歸離原前期的生活是真的安寧, 魔神戰爭尚未出現前,塵世七執政的位格尚且沒被放出時,這片區域的武德充沛到四海之內皆朋友。

且不論三位同可稱作巖之魔神的魔神, 輔助輸出各有所長,就歸離原的爐竈之魔神馬克修斯, 也就是在歸離原才看上去像個不太能打的廚子。放到別的地方,能夠占據的地盤一定不小。

撇開這四位魔神級別的戰鬥力, 一眾仙人們的存在亦是不容小覷。

弱一些的魔神碰上他們就是棘手一詞。

我作為一個人類醫者,在不了解我的魔神看來, 一個歸離原出身就足夠讓他們謹慎幾分。倘若我這個人類的醫術確實無可替代,那麽, 他們的友好度會再提幾個檔次。

當然,這些都沒攔住一些魔神的話, 我也略懂些拳腳。

每一個因身處地方偏僻,不認得我這張臉的魔神,都會在跟我打過一場後經歷如下心理歷程:

不過是區區人類。

不對勁, 好像太能打了。

別打了別打了, 再打我就死了!!

……

有眼力見的當然不會遭遇這些,比如奧羅巴斯,這位盤踞在古璃月的邊邊角角,老老實實的大蛇,跟他幻化出來的人形一樣, 看著清秀沒什麽攻擊力。

他這大蛇最主要的是看見別人被我削了一次後就會老老實實的盤起來,意圖“看不見我看不見我看不見我”。

沒有用的。

前一位被我揍了的魔神能活下來不是它皮糙肉厚,我錘它時,赤手空拳,沒用我那些武器, 就快將它捶打成肉丸,可以下馬克修斯的爐竈了。

是我是個醫生。

奧羅巴斯當時保險起見用了動靜比較小的人形出來,看到這一幕,看到我擦了擦自己的臉和手,平心靜氣的說自己:“我是個醫生,不怎麽愛殺生。”

魔神沒幻化出來的尾巴尖都僵了,擱人身身上,看起來像個呆頭鵝,被嚇蒙了或者壓根沒反應過來發生了什麽事。

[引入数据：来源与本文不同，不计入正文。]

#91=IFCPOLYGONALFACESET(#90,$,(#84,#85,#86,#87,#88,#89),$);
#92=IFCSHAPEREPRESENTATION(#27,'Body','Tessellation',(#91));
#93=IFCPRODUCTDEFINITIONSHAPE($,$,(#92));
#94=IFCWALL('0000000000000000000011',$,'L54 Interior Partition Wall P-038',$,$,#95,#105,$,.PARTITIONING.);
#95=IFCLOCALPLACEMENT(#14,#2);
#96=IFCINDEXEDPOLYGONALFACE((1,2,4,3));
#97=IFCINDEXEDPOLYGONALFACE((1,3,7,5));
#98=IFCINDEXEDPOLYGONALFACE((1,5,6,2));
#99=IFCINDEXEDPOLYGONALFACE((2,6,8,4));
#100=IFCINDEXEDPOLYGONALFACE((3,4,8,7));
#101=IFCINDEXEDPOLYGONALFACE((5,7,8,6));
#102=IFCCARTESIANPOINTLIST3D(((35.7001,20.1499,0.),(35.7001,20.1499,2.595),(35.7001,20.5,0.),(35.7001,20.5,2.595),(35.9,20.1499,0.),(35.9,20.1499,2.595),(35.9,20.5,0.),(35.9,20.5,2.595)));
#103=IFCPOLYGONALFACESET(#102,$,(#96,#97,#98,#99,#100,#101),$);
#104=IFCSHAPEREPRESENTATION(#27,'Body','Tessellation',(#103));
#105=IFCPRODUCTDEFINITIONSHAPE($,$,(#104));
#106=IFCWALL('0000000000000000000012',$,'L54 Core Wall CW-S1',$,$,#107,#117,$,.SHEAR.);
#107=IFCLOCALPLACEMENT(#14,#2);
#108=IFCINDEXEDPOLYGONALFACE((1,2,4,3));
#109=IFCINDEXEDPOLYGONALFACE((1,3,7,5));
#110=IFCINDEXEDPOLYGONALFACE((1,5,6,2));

我對上他的眼睛,他的一雙蛇瞳隨著我的目光轉了轉,整個人又僵硬了幾分。

“這是你鄰居?”

我指了指快被捶打得入口即化的魔神,他沒做聲,直到我的聲音提了提,他才仿佛回神了一樣:“……是。”

“那你帶走,它擋路了。”

初次見面,奧羅巴斯對我的好感度是15,他大抵是想要忘記我這麽個像個醫生的兇神的,但是沒成功。

第一次見面,他收到的大禮就是自己鄰居嚴重休克,跟死了無異的身軀,將它拖走,免得擋了我的路,還被迫記了一堆方子,等他鄰居醒了告訴它免得它死了。

奧羅巴斯想不明白,隔了十萬八千裏,他為什麽要腦抽了說自己是那個魔神的鄰居。

現在好了,雙方真成鄰居了。

他鄰居還學會了做丸子,魚丸,偶爾也會做些別的丸子,秘訣就是將魚肉捶打成它當時差點死了的狀態。

奧羅巴斯:“……”

他捧著魚丸湯,一時之間下不了嘴,因為對面跟他一起喝魚丸湯的,就是當時差點成丸子的鄰居,以及將鄰居差點打成了手打肉丸的我。

他鄰居正在請教我當時的手法,我說我跟看馬克修斯也就是爐竈之魔神學的。

“他還教這些?”

“教啊。不過不是教做菜,是教我怎麽將做菜的技巧用在捶打非人身的魔神身上。”

馬克修斯看著萌萌的,教給我的技巧,怎麽說呢,核心主旨就是做菜,進階技巧是怎麽將魔神做成菜。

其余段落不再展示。